There seems to be a general misunderstanding about how the specs are intended to work. You standardize on things that as a group everyone has agreed would work in a specific way. Right now, the CDI EG is innovating and standardizing on those innovations instead of standardizing on the features already available in the various impls. Lets take a few examples of where impls deviate from the specs.
- JAX-RS : All of the implementations had client impls paired up with their 1.1 compliant releases, even though it wasn't required. Why? Because it made a ton of sense. Then see what happened afterwards, the EG came together and standardized on a Client API that took a lot of the great features in each impl and made them consistent.
- EJB: Lets not forget that the removal of home/remote/local interfaces came from a combination of xdoclet and spring. The EG came together, saw that what was in use and figured out how to standardize on it once the language features were available.
- Singleton EJBs: An extension of EJB 3, most vendors supported a form of singleton in their EJBs, and the EJB EG agreed upon it in addition to some concurrency issues that had to be addressed.
- JPA: Lets not forget that HIbernate supports in dual hierarchies the EntityManager and Session interfaces concurrently. Want to use HQL in your @NamedQuery? Sure, it works fine.

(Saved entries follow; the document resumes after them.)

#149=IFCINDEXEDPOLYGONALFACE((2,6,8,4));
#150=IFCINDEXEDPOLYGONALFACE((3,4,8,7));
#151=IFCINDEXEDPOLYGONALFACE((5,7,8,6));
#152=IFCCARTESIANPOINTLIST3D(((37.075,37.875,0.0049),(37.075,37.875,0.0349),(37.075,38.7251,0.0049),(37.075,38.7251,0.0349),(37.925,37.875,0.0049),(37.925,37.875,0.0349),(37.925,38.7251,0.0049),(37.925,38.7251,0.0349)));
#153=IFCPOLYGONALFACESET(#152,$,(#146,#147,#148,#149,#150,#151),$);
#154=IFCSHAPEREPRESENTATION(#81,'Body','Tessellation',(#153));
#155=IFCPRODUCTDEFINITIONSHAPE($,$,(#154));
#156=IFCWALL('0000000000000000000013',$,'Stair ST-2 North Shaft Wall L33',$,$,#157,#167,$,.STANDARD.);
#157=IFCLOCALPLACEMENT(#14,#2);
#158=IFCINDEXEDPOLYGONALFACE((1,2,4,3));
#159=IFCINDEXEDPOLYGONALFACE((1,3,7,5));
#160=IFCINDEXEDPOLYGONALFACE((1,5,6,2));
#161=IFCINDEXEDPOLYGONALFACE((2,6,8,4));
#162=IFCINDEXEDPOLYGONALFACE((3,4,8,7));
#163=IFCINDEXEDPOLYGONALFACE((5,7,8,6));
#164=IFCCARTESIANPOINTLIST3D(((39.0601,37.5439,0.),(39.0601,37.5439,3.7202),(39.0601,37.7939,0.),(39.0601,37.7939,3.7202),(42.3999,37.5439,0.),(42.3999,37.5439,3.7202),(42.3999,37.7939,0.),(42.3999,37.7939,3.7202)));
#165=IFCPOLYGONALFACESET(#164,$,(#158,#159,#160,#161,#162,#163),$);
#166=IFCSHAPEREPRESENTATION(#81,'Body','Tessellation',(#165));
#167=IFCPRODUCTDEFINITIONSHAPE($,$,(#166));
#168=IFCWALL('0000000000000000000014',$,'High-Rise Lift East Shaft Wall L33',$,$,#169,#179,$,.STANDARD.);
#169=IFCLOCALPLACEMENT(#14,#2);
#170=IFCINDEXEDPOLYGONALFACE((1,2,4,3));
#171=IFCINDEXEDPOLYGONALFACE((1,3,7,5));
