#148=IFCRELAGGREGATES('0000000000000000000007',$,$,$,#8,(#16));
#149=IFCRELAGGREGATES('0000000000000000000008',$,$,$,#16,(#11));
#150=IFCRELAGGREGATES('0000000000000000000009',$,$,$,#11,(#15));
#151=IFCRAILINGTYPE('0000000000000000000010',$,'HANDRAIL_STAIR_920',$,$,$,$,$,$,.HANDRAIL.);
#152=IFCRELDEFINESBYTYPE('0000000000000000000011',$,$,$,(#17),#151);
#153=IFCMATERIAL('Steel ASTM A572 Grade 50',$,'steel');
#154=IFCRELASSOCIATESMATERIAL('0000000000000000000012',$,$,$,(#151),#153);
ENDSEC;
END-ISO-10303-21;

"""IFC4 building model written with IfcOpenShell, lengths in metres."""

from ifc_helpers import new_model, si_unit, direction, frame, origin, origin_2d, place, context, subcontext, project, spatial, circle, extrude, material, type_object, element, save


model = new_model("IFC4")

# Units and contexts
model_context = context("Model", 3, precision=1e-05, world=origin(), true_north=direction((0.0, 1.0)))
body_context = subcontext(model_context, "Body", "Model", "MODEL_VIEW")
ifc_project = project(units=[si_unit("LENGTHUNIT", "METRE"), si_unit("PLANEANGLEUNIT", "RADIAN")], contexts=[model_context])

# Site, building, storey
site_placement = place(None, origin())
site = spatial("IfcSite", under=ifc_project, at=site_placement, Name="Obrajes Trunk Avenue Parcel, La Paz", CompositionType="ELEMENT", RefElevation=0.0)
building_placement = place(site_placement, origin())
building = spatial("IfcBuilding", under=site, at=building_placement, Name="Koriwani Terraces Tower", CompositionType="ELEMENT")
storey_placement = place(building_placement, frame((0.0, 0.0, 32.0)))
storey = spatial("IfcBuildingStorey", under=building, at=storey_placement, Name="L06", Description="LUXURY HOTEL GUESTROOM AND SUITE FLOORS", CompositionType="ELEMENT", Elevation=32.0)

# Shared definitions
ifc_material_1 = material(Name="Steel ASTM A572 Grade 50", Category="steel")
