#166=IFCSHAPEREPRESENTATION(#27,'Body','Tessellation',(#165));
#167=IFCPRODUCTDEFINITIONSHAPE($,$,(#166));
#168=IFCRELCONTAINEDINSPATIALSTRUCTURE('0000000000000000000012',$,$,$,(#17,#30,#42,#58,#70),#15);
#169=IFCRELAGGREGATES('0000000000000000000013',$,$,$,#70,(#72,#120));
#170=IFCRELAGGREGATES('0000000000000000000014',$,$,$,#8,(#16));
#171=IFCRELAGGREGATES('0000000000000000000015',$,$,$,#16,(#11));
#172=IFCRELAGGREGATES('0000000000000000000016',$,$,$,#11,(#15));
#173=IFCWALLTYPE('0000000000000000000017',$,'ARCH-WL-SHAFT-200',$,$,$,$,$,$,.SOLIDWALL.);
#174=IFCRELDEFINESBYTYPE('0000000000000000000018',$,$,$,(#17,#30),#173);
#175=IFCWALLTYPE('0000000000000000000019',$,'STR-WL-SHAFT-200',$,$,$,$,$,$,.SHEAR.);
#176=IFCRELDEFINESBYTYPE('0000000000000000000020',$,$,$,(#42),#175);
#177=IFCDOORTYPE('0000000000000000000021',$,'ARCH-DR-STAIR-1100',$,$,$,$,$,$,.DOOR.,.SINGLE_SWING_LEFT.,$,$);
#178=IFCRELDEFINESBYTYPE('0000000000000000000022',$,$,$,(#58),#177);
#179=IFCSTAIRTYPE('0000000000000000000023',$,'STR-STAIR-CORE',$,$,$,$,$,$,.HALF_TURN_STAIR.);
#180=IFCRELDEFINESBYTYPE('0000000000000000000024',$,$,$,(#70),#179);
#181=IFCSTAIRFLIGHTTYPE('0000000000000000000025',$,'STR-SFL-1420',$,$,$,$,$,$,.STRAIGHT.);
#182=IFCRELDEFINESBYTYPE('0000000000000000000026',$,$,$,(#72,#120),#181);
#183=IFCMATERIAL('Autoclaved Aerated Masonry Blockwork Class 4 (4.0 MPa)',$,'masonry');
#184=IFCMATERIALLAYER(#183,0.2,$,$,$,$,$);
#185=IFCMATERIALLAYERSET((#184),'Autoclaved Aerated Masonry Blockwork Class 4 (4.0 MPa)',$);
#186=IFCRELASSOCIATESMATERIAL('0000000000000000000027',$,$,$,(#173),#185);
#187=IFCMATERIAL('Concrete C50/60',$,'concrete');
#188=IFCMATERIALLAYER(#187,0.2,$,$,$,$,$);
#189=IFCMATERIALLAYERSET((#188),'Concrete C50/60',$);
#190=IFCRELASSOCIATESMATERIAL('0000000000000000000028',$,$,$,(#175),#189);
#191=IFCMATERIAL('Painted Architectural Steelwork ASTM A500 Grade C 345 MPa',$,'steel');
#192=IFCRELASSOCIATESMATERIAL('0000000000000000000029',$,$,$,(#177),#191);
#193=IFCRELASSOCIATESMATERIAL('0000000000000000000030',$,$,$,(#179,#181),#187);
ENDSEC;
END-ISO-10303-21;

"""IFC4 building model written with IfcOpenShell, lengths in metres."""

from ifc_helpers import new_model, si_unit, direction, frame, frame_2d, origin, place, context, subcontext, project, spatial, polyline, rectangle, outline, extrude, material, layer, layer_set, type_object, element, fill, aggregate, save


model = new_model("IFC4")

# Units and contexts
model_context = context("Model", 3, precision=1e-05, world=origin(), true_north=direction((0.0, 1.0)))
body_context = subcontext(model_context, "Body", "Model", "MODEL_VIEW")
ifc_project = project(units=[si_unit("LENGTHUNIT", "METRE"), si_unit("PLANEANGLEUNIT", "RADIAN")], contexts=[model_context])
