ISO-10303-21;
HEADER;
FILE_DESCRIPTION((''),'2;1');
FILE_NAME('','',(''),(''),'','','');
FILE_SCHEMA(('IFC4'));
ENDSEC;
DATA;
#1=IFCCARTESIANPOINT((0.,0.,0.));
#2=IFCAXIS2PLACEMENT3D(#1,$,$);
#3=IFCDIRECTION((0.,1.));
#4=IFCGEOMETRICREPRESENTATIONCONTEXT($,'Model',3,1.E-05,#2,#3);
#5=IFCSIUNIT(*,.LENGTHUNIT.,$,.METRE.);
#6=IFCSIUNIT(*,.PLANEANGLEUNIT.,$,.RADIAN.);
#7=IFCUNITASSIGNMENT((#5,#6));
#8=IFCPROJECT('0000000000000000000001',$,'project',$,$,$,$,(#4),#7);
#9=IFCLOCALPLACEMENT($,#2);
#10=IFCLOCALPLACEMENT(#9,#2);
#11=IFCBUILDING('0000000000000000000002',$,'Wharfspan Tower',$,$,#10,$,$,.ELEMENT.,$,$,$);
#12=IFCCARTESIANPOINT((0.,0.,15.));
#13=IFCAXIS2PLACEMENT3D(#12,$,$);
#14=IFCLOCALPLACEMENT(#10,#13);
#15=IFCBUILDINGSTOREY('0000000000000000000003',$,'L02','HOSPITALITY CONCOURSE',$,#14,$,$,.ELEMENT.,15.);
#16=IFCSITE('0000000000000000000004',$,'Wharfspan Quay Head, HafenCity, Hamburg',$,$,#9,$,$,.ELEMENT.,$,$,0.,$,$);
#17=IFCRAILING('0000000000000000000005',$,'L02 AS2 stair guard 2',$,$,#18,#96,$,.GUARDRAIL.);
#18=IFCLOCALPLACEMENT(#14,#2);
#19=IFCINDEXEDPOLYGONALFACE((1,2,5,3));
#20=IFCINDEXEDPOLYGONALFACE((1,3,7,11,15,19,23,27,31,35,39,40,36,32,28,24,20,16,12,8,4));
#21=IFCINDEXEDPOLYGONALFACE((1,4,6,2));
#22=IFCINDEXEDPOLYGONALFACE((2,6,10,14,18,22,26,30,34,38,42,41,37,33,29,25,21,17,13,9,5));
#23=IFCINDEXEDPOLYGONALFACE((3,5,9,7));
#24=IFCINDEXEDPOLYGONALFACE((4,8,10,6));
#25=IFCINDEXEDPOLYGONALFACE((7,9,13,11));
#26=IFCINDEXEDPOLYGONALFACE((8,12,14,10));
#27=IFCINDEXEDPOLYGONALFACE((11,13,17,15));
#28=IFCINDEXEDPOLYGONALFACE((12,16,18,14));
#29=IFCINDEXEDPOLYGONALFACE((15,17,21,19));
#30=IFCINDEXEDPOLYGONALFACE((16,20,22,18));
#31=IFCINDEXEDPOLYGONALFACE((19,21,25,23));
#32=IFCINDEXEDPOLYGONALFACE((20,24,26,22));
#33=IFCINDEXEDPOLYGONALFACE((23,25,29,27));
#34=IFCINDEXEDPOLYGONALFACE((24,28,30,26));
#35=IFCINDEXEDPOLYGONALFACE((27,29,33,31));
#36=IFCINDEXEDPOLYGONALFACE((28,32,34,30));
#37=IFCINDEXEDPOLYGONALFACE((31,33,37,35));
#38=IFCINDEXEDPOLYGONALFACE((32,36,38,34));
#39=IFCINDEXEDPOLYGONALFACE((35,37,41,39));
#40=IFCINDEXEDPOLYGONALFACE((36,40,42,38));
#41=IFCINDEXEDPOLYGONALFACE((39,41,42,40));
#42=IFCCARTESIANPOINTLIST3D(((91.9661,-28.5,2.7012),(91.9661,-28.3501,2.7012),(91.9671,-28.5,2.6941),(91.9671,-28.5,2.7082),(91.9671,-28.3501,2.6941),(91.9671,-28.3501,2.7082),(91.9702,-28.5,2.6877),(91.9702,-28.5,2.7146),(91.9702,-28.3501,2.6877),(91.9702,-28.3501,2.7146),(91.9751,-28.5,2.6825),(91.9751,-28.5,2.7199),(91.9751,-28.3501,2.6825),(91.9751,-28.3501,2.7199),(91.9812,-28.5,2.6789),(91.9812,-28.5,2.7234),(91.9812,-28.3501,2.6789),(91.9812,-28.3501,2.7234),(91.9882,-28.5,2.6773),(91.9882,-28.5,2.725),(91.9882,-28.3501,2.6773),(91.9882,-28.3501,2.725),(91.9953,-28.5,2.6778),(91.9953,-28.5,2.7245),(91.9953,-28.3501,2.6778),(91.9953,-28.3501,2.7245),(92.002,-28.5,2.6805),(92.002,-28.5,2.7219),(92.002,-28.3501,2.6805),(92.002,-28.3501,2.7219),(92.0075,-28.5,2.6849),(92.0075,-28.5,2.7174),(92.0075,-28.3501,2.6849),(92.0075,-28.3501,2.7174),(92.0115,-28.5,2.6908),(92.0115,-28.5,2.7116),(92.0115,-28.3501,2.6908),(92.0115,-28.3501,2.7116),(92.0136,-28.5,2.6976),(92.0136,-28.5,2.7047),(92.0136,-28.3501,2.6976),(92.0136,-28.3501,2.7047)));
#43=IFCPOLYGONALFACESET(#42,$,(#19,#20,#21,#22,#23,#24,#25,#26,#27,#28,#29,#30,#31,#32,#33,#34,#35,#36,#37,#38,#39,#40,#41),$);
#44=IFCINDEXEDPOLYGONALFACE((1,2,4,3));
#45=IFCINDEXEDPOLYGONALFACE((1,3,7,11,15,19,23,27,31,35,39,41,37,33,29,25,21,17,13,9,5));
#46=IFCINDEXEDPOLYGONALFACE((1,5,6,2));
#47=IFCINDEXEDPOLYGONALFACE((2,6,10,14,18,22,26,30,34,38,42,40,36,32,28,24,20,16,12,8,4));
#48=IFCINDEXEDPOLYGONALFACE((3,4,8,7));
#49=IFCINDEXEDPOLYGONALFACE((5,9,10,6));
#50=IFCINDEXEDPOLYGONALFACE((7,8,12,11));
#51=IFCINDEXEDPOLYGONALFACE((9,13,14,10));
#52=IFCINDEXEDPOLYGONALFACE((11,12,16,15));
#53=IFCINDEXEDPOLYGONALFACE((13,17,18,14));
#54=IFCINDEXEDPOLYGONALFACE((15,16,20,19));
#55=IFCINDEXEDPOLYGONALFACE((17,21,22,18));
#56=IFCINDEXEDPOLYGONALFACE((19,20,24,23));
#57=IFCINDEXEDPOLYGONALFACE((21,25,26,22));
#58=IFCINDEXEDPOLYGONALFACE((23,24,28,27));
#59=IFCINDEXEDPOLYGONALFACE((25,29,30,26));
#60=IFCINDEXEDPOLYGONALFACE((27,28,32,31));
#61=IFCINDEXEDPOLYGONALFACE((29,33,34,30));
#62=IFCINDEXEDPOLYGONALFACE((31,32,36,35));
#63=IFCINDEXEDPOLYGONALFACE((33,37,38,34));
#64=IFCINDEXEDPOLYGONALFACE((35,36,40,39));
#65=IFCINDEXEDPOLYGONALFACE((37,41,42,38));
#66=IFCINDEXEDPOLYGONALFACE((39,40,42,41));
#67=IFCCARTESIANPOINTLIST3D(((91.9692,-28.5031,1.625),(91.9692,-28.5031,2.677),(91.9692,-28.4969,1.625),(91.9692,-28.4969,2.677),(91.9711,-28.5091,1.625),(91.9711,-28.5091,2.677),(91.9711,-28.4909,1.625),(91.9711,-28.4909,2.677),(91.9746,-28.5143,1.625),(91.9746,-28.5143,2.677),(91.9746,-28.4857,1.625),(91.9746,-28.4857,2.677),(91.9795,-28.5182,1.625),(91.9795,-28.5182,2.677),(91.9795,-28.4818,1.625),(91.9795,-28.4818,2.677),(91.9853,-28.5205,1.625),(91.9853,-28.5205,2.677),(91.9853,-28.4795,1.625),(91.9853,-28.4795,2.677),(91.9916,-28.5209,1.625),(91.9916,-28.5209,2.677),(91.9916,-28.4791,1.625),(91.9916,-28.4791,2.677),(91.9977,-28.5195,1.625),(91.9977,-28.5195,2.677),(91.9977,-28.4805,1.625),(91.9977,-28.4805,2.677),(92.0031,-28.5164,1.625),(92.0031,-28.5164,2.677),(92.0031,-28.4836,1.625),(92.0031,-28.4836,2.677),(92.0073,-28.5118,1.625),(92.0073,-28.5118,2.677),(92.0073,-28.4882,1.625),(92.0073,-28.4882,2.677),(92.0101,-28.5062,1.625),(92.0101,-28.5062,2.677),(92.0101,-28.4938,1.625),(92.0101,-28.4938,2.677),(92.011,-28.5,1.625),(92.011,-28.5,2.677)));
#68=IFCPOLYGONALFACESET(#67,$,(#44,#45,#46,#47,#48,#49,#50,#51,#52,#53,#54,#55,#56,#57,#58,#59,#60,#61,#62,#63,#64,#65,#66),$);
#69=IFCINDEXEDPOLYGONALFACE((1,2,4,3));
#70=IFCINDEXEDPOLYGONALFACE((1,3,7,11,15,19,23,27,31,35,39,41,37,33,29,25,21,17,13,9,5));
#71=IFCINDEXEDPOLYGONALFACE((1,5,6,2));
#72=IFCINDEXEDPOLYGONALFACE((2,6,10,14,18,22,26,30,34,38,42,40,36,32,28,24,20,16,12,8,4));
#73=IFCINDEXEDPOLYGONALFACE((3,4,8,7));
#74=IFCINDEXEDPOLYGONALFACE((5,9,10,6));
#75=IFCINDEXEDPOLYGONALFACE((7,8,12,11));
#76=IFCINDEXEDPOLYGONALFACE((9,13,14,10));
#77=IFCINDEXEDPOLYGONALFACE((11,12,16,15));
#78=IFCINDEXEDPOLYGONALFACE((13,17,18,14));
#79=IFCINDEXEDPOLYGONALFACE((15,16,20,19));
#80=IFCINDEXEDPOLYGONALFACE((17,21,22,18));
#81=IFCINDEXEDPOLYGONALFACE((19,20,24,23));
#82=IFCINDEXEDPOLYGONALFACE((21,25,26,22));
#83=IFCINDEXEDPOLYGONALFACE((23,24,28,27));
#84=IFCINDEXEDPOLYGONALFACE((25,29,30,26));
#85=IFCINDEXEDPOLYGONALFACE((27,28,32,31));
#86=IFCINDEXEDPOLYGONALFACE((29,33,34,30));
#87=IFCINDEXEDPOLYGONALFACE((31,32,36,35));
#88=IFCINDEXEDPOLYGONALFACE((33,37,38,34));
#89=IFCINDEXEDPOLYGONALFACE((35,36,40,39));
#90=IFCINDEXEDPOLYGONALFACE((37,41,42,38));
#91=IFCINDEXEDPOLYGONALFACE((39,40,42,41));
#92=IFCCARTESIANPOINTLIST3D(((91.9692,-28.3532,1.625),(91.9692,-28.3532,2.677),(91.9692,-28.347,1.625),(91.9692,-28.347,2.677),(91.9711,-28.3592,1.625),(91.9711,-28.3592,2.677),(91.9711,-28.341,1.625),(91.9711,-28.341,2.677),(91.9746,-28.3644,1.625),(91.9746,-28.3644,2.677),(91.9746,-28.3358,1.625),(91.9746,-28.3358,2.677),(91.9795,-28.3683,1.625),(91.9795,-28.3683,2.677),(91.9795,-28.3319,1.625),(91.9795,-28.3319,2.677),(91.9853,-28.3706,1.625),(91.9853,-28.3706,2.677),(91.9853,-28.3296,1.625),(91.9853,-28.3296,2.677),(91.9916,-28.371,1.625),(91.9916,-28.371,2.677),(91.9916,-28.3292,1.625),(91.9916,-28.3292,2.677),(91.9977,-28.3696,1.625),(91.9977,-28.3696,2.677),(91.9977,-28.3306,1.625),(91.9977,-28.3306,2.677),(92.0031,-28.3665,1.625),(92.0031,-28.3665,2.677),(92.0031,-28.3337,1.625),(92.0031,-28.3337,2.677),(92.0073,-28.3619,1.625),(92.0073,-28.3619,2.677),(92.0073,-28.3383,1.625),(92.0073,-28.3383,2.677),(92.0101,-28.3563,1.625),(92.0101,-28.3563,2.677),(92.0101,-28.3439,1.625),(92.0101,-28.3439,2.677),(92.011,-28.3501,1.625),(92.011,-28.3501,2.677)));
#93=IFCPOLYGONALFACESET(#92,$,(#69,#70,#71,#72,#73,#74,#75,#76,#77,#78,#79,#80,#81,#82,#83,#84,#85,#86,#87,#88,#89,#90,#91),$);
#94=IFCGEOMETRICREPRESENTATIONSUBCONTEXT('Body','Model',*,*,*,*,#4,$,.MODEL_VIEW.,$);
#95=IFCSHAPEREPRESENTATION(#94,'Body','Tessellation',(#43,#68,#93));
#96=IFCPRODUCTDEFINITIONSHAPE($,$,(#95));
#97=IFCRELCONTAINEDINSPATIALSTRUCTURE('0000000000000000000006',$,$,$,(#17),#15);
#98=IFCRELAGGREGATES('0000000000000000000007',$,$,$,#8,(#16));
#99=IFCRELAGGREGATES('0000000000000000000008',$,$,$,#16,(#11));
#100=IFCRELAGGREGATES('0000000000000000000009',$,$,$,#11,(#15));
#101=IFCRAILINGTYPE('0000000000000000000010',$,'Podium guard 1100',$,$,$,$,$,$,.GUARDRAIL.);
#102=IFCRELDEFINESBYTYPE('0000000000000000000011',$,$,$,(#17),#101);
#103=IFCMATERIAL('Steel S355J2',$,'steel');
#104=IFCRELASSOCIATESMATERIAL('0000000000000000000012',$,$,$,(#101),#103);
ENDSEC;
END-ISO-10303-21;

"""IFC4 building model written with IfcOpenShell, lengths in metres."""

from ifc_helpers import new_model, si_unit, direction, frame, origin, origin_2d, place, context, subcontext, project, spatial, circle, extrude, material, type_object, element, save


model = new_model("IFC4")

# Units and contexts
model_context = context("Model", 3, precision=1e-05, world=origin(), true_north=direction((0.0, 1.0)))
body_context = subcontext(model_context, "Body", "Model", "MODEL_VIEW")
ifc_project = project(units=[si_unit("LENGTHUNIT", "METRE"), si_unit("PLANEANGLEUNIT", "RADIAN")], contexts=[model_context])

# Site, building, storey
site_placement = place(None, origin())
site = spatial("IfcSite", under=ifc_project, at=site_placement, Name="Wharfspan Quay Head, HafenCity, Hamburg", CompositionType="ELEMENT", RefElevation=0.0)
building_placement = place(site_placement, origin())
building = spatial("IfcBuilding", under=site, at=building_placement, Name="Wharfspan Tower", CompositionType="ELEMENT")
storey_placement = place(building_placement, frame((0.0, 0.0, 15.0)))
storey = spatial("IfcBuildingStorey", under=building, at=storey_placement, Name="L02", Description="HOSPITALITY CONCOURSE", CompositionType="ELEMENT", Elevation=15.0)

# Railing
ifc_material_1 = material(Name="Steel S355J2", Category="steel")
railing_type_1 = type_object("IfcRailingType", Name="Podium guard 1100", PredefinedType="GUARDRAIL", material=ifc_material_1)
railing_1_placement = place(storey_placement, frame((91.99, -28.5, 1.625)))
element("IfcRailing", 1, at=railing_1_placement, inside=storey, type_object=railing_type_1, Name="L02 AS2 stair guard 2", PredefinedType="GUARDRAIL", context=body_context, shape_type="SweptSolid", body=[
    extrude(circle(Radius=0.0239, at=origin_2d()), frame((0.0, 0.0, 1.0762), z_axis=(0.0, 1.0, 0.0), x_axis=(-1.0, 0.0, 0.0)), (0.0, 0.0, 1.0), 0.1499),
    extrude(circle(Radius=0.021, at=origin_2d()), origin(), (0.0, 0.0, 1.0), 1.052),
    extrude(circle(Radius=0.021, at=origin_2d()), frame((0.0, 0.1499, 0.0)), (0.0, 0.0, 1.0), 1.052),
])

save(model, "model.ifc")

Bottom line, we need to get these features out into the wild, let people play and come back with input on the various impls. There's nothing stopping the weld team from introducing org.jboss.weld.events.api.AsyncEvent that supports CompletableFuture and CompletionStage, allowing app developers to consume this via an injection point just like Event works today, @Inject AsyncEvent<Foo>. Even if thats not the spec compliant way to do it long term, it makes it clear that you're using a provider specific API.
In addition, there would be nothing stopping either team from introducing support for @Priority on observer methods. There's no API change, no spec change required. The spec doesn't mandate that it works, but there's nothing stopping your impl from allowing it. The spec doesn't say you absolutely cannot leverage it.